Mediante la firma de un preacuerdo con la Fiscalía, Rosalía Ramírez, veedora del colegio Gimnasio Castillo Campestre, aceptó su responsabilidad en los delitos de actos de discriminación agravada y ocultamiento de elemento material probatorio. Según los hallazgos del ente investigador, fue ella quien le impuso un memorando a Sergio Urrego después de que se conociera una foto en la que el joven estudiante de 16 años aparecía dándose un pico con un compañero de su salón de clases. También se comprobó que ella amenazó a Urrego y a su pareja para que les dijeran a sus papás sobre su orientación sexual. Ramírez reconoció que, una vez comenzaron las investigaciones por lo ocurrido con Urrego, se borraron los archivos donde se encontraban las amonestaciones y los memorandos en contra del estudiante, y la exigencia de que fuera a un psicólogo para tratar su condición sexual.

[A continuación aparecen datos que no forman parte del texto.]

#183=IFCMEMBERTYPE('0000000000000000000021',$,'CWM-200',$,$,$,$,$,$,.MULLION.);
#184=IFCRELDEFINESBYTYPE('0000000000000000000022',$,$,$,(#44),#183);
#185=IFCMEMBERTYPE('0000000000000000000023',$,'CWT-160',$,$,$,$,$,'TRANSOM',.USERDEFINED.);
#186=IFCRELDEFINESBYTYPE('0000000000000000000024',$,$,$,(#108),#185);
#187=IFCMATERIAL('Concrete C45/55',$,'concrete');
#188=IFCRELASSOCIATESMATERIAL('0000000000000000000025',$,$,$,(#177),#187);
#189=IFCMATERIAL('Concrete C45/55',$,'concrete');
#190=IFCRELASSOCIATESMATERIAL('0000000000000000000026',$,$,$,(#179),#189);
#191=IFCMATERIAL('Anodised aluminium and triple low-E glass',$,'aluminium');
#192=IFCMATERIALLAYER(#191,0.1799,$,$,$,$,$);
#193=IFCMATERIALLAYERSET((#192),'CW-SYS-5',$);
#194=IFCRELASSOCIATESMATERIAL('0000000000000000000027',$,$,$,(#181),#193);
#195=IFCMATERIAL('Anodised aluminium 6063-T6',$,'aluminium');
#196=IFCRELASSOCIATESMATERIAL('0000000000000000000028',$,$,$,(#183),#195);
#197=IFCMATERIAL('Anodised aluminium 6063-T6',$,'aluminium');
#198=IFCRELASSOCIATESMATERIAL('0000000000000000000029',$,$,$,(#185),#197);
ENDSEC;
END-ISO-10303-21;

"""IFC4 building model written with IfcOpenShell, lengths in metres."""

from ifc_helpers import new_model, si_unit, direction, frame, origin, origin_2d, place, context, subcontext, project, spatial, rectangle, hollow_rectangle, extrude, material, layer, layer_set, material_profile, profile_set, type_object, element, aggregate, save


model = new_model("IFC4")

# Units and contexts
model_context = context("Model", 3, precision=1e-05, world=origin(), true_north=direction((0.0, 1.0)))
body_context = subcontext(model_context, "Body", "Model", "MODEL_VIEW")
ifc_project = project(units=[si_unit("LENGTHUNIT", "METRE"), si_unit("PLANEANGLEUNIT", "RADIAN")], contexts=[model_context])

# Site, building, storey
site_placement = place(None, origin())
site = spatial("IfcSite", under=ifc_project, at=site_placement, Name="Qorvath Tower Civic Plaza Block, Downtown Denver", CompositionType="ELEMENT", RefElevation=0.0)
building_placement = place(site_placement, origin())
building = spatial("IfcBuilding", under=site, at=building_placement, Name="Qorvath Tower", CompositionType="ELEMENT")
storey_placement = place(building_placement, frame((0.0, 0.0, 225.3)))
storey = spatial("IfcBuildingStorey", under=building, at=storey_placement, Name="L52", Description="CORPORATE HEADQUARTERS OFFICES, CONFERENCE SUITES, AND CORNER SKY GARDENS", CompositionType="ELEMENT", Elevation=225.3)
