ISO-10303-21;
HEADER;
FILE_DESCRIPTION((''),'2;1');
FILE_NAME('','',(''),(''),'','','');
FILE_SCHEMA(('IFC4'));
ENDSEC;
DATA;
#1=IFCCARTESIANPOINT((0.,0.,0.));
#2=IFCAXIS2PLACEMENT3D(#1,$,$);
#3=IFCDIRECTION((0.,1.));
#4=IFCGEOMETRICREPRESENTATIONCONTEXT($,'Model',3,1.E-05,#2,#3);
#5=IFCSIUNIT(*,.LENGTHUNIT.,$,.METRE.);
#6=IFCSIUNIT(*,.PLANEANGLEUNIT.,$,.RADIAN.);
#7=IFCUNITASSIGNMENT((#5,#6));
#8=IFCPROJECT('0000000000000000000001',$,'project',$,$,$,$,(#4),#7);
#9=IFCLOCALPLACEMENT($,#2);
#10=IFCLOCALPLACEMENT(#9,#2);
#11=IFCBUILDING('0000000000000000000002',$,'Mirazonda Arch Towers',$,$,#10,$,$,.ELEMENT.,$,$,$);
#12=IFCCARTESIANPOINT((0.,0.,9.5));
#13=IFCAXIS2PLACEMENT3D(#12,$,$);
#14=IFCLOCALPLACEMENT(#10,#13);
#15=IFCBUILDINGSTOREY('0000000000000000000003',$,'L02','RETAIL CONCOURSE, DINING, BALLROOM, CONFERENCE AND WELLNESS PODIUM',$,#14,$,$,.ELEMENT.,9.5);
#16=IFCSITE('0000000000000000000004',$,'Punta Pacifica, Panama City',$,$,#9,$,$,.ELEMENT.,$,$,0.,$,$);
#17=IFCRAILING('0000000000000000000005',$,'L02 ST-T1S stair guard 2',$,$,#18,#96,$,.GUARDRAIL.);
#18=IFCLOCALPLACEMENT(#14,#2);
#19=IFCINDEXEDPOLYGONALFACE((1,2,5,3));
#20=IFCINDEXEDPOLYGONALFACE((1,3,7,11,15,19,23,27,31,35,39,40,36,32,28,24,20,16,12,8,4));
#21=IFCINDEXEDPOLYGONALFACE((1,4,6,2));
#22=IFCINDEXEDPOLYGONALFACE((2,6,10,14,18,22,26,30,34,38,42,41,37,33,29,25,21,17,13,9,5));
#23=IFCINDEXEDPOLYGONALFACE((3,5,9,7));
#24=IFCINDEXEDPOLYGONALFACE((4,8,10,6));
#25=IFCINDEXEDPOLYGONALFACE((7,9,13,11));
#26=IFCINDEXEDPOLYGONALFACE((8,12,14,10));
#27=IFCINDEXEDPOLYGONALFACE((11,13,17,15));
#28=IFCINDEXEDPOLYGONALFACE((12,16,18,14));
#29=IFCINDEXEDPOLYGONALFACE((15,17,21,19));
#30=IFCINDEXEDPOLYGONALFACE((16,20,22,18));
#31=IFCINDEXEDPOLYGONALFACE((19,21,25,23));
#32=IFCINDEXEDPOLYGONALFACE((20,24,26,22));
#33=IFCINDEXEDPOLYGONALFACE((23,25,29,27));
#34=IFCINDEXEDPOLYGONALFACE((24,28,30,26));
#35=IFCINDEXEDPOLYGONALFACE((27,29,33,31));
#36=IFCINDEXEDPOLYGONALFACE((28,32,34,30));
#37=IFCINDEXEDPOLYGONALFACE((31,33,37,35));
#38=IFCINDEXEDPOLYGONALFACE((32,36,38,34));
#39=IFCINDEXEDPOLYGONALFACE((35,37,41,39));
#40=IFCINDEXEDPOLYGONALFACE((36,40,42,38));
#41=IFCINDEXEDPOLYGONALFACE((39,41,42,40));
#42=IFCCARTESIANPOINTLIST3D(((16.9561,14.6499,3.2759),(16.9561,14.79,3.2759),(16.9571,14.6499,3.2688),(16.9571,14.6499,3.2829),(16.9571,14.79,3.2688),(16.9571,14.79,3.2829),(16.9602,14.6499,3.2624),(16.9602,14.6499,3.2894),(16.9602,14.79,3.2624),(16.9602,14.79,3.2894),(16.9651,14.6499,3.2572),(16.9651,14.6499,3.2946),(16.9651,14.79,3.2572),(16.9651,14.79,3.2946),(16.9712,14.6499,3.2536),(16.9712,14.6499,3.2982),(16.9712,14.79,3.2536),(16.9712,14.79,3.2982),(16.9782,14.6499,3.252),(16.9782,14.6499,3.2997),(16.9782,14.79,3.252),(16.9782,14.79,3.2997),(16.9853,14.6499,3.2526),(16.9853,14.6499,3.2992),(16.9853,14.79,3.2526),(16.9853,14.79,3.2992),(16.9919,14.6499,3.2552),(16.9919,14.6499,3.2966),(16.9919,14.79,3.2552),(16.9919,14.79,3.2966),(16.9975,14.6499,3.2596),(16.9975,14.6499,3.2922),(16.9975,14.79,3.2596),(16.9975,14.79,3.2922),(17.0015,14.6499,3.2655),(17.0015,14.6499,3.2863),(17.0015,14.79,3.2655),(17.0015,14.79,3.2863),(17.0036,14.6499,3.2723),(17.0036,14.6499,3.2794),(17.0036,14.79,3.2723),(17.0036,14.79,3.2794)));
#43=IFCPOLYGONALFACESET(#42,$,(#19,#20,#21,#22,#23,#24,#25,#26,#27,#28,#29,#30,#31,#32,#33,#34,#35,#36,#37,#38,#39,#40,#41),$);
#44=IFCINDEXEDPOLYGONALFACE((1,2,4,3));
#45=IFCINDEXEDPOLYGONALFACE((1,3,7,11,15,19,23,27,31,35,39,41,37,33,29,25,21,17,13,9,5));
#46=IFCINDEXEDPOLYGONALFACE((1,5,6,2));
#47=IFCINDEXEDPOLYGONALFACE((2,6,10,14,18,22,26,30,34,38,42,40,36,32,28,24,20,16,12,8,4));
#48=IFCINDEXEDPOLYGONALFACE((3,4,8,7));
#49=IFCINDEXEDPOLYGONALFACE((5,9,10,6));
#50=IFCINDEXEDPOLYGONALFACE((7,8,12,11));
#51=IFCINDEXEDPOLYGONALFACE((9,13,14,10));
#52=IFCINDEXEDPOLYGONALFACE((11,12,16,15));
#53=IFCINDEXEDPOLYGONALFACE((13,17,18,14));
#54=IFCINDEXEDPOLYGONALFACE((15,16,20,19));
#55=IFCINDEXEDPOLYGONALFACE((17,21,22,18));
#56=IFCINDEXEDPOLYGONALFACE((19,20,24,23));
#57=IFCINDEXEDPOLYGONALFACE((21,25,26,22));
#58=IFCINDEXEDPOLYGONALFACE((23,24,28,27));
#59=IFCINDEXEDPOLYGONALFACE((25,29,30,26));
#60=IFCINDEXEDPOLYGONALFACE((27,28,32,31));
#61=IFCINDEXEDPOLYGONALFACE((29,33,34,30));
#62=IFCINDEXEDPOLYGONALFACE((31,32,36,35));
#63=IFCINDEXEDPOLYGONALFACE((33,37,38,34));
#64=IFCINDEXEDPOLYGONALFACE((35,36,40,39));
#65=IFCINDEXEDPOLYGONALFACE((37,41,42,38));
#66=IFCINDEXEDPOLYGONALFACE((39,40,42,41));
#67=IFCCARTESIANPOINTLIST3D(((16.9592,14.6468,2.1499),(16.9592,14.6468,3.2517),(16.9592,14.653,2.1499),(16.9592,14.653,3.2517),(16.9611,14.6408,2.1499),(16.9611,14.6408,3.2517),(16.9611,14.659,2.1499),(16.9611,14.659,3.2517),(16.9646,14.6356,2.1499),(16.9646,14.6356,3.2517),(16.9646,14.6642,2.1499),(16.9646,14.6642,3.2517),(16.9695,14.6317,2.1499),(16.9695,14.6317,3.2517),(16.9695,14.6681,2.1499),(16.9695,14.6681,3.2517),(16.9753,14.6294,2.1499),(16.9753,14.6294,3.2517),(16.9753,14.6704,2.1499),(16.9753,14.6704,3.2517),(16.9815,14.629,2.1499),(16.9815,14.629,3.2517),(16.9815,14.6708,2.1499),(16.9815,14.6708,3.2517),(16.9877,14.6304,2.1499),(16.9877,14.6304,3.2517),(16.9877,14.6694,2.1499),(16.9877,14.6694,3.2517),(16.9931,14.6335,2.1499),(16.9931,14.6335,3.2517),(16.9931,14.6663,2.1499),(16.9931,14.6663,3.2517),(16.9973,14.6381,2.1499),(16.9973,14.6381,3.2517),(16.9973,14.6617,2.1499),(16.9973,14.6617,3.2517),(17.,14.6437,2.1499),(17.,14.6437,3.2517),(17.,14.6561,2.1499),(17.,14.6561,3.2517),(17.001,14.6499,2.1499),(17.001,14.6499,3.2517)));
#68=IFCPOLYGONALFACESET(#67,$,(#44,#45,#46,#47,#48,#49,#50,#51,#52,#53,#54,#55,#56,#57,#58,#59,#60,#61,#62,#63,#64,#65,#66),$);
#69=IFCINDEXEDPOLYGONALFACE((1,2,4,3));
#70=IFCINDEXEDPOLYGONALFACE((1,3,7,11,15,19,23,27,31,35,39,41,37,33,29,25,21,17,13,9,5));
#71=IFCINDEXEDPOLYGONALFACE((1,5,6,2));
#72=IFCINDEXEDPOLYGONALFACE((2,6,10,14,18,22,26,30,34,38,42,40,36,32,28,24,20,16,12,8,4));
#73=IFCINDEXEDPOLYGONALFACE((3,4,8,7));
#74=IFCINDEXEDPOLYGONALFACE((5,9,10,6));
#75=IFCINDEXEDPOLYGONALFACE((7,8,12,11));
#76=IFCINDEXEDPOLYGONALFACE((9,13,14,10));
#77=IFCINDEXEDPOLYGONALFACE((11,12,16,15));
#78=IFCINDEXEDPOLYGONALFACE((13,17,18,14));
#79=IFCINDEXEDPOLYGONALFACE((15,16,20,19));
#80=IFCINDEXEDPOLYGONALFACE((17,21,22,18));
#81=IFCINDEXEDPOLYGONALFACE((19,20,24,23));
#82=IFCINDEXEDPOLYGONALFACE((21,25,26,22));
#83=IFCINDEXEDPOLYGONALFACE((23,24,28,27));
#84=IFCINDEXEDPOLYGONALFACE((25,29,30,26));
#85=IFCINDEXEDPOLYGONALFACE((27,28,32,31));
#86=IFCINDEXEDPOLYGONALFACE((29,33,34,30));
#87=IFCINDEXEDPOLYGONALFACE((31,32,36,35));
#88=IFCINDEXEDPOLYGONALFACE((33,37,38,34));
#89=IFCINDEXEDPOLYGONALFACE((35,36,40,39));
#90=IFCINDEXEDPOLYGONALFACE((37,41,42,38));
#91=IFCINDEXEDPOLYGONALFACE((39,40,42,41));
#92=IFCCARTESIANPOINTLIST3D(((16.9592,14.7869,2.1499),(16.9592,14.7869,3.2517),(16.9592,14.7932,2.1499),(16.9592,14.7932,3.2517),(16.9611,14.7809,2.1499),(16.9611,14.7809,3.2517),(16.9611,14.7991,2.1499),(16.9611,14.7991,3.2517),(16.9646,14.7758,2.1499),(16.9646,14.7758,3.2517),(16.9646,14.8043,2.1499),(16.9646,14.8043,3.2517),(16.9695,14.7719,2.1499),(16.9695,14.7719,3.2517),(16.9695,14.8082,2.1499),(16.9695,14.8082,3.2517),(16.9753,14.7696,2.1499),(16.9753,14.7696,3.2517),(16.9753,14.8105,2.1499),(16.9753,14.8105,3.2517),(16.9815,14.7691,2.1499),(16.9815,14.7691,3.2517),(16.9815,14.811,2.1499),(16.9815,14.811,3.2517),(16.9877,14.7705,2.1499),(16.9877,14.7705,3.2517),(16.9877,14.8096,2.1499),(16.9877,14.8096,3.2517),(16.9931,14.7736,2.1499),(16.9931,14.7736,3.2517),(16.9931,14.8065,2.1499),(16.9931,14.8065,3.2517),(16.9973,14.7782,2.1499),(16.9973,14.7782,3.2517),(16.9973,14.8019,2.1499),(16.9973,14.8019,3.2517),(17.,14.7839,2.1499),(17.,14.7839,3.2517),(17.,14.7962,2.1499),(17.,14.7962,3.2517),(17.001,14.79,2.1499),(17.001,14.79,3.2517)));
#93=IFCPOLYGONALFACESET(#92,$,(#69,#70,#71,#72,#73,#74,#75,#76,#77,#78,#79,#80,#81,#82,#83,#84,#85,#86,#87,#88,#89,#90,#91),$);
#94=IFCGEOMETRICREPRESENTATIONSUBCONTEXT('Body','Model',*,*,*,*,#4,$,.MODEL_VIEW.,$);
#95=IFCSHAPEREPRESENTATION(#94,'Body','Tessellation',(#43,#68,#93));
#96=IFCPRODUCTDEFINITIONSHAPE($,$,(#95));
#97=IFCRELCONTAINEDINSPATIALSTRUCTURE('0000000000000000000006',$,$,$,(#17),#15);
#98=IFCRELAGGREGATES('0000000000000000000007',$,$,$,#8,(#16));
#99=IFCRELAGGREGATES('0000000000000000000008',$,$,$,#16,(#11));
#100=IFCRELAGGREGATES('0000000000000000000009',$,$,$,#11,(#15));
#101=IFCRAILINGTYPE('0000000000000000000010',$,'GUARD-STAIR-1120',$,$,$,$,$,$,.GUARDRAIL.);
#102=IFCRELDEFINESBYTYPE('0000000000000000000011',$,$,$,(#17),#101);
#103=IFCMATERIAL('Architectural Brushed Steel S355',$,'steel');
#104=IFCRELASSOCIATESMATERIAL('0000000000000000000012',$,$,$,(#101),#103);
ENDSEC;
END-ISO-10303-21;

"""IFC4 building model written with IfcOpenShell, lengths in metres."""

from ifc_helpers import new_model, si_unit, direction, frame, origin, origin_2d, place, context, subcontext, project, spatial, circle, extrude, material, type_object, element, save


model = new_model("IFC4")

# Units and contexts
model_context = context("Model", 3, precision=1e-05, world=origin(), true_north=direction((0.0, 1.0)))
body_context = subcontext(model_context, "Body", "Model", "MODEL_VIEW")
ifc_project = project(units=[si_unit("LENGTHUNIT", "METRE"), si_unit("PLANEANGLEUNIT", "RADIAN")], contexts=[model_context])

# Site, building, storey
site_placement = place(None, origin())
site = spatial("IfcSite", under=ifc_project, at=site_placement, Name="Punta Pacifica, Panama City", CompositionType="ELEMENT", RefElevation=0.0)
building_placement = place(site_placement, origin())
building = spatial("IfcBuilding", under=site, at=building_placement, Name="Mirazonda Arch Towers", CompositionType="ELEMENT")
storey_placement = place(building_placement, frame((0.0, 0.0, 9.5)))
storey = spatial("IfcBuildingStorey", under=building, at=storey_placement, Name="L02", Description="RETAIL CONCOURSE, DINING, BALLROOM, CONFERENCE AND WELLNESS PODIUM", CompositionType="ELEMENT", Elevation=9.5)

# Shared definitions
ifc_material_1 = material(Name="Architectural Brushed Steel S355", Category="steel")

# Railing
railing_type_1 = type_object("IfcRailingType", Name="GUARD-STAIR-1120", PredefinedType="GUARDRAIL", material=ifc_material_1)
railing_1_placement = place(storey_placement, frame((16.98, 14.6499, 2.1499)))
element("IfcRailing", 1, at=railing_1_placement, inside=storey, type_object=railing_type_1, Name="L02 ST-T1S stair guard 2", PredefinedType="GUARDRAIL", context=body_context, shape_type="SweptSolid", body=[
    extrude(circle(Radius=0.0239, at=origin_2d()), frame((0.0, 0.0, 1.126), z_axis=(0.0, 1.0, 0.0), x_axis=(-1.0, 0.0, 0.0)), (0.0, 0.0, 1.0), 0.1401),
    extrude(circle(Radius=0.021, at=origin_2d()), origin(), (0.0, 0.0, 1.0), 1.1018),
    extrude(circle(Radius=0.021, at=origin_2d()), frame((0.0, 0.1401, 0.0)), (0.0, 0.0, 1.0), 1.1018),
])

save(model, "model.ifc")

Por estos hechos, la jueza 39 de conocimiento avaló el preacuerdo y la condenó a 27 meses de prisión domiciliaria.
Más allá de la sentencia, necesaria, y de lo que eso significa en los casos de la rectora del colegio, Amanda Azucena Castillo, y la psicóloga Ivonne Cheque, ambas involucradas directamente con lo ocurrido con Urrego, nos parece importante que la administración de justicia diga eso que las otras instituciones del Estado han dicho con timidez y, recientemente, no han querido repetir: que allí donde haya discriminación entrará la autoridad a proteger a los marginados, que los prejuicios no pueden ser el modo normal de nuestras relaciones como sociedad.
Por supuesto, el sistema penal es y debe seguir siendo el último recurso, el que llega demasiado tarde, cuando el daño ya es irremediable. Esta sentencia no significa nada ni servirá como homenaje a la memoria de Urrego si seguimos posponiendo las conversaciones difíciles pero urgentes sobre cómo enseñar a respetar y proteger la diversidad en los colegios. Lo más frustrante de este y tantos casos análogos es que son los maestros y las directivas, aquellos supuestamente comprometidos con la educación de los niños, quienes se convierten en sus verdugos. La solución cómoda es asumir que el matoneo es un problema generalizado y que no deben tomarse medidas particulares. Pero eso es ocultar todas las conductas que, como han sido normalizadas por una historia de complicidad con la discriminación, pasan inadvertidas. Eso fue lo que ocurrió contra Urrego: una cadena de atropellos administrativos de personas que creían estar haciendo lo correcto, cuando en realidad estaban buscando silenciar a un joven brillante. Nos repetimos: no queremos más sergios urregos. Cambiemos, cuanto antes, la forma como educamos a nuestros niños, para ver si logramos, de una vez por todas, construir una Colombia para todos, no para las mayorías.